La opinión general que hay sobre la educación superior en México está equivocada. La universidad no es sólo un mecanismo de ascenso o de reproducción de clase. La universidad es, en primer lugar, un sitio de formación de estudiantes —lo que significa de transformación de los estudiantes— y, por eso justamente, es un espacio privilegiado para la creación intelectual que termina siendo fundamental para la sociedad en su conjunto: Inglaterra hubiera perdido la guerra con Alemania sin Oxford y Cambridge.

Felizmente, México no tiene a una guerra internacional en su horizonte, pero sí enfrenta una genuina emergencia colectiva: el cambio climático y la crisis ambiental.

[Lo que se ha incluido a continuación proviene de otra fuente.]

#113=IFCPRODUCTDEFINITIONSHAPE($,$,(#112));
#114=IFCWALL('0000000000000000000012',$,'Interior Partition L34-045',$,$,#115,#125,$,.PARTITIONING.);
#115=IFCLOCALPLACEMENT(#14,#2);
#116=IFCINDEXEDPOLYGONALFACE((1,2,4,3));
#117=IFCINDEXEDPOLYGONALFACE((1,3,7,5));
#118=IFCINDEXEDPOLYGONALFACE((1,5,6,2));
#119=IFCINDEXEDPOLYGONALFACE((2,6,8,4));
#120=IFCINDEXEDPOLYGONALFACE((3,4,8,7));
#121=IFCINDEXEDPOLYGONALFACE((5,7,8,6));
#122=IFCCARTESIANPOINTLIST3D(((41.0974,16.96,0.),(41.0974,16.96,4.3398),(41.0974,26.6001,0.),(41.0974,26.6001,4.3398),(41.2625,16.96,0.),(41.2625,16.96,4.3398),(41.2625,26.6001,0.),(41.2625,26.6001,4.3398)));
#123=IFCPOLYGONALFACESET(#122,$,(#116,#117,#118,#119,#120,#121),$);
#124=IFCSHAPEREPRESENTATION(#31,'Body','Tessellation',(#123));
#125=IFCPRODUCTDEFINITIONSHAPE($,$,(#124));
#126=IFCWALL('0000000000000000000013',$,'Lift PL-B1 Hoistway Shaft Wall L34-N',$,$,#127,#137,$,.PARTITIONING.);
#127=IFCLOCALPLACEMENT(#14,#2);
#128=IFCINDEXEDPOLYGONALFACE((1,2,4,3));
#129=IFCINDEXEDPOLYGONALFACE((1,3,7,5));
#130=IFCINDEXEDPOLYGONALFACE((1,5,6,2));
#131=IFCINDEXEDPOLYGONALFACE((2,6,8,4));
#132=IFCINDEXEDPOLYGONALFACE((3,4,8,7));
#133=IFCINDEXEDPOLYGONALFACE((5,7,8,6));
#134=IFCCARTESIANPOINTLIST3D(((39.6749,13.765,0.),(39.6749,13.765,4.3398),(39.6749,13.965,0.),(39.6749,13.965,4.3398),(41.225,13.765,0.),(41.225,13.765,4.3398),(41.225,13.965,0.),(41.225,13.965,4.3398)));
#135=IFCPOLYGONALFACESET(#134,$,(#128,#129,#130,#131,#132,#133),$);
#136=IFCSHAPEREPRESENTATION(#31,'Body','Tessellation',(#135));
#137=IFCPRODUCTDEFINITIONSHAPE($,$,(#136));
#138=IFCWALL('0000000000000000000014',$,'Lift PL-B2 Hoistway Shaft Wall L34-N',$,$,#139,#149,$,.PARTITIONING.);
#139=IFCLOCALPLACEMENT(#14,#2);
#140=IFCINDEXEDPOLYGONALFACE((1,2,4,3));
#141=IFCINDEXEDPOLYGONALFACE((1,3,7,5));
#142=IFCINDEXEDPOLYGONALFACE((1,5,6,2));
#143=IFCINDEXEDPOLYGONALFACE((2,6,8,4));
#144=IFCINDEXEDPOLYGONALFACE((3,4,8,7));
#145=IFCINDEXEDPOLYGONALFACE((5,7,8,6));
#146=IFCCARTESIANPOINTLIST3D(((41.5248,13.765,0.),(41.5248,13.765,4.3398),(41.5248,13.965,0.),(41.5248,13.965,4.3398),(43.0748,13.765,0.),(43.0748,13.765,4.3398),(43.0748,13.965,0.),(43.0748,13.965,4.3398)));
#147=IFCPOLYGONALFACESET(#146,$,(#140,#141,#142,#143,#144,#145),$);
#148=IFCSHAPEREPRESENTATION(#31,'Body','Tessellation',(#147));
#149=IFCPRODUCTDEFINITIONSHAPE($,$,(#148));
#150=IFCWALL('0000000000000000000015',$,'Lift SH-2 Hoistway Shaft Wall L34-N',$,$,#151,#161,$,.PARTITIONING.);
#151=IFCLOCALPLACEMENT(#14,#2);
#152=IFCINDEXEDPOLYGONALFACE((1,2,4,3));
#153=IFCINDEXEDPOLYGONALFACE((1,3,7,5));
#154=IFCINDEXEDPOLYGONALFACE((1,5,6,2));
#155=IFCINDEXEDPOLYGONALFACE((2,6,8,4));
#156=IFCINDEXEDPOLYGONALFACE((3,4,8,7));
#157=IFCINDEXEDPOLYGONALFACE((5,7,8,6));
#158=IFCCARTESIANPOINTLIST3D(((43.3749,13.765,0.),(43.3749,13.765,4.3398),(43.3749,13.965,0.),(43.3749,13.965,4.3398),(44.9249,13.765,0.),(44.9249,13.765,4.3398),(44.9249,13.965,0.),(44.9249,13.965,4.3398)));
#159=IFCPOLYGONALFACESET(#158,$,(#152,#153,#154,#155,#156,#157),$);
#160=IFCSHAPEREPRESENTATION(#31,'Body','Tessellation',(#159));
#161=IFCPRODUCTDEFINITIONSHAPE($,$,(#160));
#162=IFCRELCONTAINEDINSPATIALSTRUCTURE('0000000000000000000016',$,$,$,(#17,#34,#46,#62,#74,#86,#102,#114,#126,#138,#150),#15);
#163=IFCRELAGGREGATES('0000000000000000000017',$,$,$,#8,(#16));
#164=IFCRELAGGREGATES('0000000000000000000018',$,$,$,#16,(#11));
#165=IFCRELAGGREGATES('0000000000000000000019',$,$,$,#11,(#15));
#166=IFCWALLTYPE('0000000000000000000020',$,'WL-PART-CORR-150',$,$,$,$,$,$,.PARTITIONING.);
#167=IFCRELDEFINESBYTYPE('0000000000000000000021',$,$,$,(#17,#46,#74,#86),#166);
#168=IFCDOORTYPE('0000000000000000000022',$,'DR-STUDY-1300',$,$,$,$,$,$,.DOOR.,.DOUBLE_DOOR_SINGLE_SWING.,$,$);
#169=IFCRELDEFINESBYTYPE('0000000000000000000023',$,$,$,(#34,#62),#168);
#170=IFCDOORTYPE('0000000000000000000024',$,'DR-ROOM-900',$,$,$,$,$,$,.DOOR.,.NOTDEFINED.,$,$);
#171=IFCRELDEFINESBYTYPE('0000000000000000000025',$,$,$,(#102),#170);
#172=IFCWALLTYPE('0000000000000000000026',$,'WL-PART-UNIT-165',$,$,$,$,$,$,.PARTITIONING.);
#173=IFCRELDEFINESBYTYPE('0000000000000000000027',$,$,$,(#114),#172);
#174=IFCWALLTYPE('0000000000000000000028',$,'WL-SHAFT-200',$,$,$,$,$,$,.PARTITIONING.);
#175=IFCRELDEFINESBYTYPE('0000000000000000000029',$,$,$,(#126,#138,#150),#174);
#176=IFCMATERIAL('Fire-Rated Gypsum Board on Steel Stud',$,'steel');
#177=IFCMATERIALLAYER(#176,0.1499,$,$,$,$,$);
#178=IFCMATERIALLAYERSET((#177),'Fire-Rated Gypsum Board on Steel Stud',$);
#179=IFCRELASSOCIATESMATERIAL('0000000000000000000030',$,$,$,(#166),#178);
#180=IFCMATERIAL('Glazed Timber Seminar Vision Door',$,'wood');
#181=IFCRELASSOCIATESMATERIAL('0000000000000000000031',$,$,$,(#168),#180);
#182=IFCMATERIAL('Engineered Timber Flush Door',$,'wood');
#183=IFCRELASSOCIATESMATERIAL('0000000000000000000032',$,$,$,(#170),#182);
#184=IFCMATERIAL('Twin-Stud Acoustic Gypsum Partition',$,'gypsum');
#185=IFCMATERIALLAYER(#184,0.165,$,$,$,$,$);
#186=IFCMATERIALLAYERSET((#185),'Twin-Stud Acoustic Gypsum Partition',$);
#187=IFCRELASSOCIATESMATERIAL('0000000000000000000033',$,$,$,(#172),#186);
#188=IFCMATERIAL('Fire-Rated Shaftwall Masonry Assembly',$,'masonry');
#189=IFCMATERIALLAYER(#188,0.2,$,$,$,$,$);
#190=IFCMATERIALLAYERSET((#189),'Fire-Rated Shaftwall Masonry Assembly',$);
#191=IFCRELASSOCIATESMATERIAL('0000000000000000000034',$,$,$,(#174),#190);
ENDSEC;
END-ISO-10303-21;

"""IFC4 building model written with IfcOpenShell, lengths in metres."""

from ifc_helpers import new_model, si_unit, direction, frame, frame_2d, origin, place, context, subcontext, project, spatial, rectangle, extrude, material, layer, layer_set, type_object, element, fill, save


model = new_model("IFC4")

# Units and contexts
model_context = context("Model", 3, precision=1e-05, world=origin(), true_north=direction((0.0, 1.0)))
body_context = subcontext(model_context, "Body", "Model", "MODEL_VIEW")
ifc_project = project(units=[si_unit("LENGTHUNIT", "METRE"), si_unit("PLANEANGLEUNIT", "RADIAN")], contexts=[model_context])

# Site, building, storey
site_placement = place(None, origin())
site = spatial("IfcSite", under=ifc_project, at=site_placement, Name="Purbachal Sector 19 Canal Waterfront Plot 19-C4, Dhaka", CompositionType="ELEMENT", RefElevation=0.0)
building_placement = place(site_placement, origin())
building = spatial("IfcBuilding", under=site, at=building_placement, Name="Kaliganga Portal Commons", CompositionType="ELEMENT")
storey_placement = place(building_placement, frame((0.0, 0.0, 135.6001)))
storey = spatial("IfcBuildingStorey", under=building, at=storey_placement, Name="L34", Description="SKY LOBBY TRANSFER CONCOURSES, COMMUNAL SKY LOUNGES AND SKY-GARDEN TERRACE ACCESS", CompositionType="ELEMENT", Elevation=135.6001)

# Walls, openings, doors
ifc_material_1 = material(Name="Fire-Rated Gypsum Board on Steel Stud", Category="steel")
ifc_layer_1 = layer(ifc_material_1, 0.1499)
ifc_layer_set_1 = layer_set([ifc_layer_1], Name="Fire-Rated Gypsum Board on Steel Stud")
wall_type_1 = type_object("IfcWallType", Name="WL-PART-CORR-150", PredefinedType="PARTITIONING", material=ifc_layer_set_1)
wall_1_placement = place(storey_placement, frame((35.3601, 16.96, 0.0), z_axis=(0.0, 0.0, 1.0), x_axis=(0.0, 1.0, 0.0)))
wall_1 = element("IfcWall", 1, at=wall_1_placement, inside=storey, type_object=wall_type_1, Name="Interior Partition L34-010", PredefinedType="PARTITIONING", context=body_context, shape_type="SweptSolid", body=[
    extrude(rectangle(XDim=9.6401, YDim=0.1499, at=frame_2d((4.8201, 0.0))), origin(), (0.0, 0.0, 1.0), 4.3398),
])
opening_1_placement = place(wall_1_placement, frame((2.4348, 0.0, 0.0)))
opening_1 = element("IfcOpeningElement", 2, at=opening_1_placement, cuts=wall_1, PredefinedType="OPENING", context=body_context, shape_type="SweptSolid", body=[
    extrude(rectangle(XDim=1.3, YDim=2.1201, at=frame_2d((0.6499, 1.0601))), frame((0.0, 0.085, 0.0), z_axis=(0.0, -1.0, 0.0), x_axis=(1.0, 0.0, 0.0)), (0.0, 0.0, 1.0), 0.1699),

México enfrenta también una guerra interna. ¿Y cómo le hace frente el gobierno a estos retos? ¿Le apuesta, acaso, a consolidar sus centros de pensamiento? De ninguna manera. El gobierno sigue creyendo que la educación superior se debate entre dos modelos: el de la reproducción de clase y el del ascenso social, y este gobierno le ha apostado todo al del ascenso social, vaciando la universidad de todo contenido. El sumum de esta política ha sido la adopción oficial de la fórmula equivocada de “evaluación punitiva”, y la consecuencia de este imaginario educativo es la creación de cien universidades que, entre todas, no suman a una.

Claudio Lomnitz
Profesor de antropología de la Universidad de Columbia. Es autor de La nación desdibujada. México en trece ensayos y El regreso del camarada Ricardo Flores Magón, entre otros libros.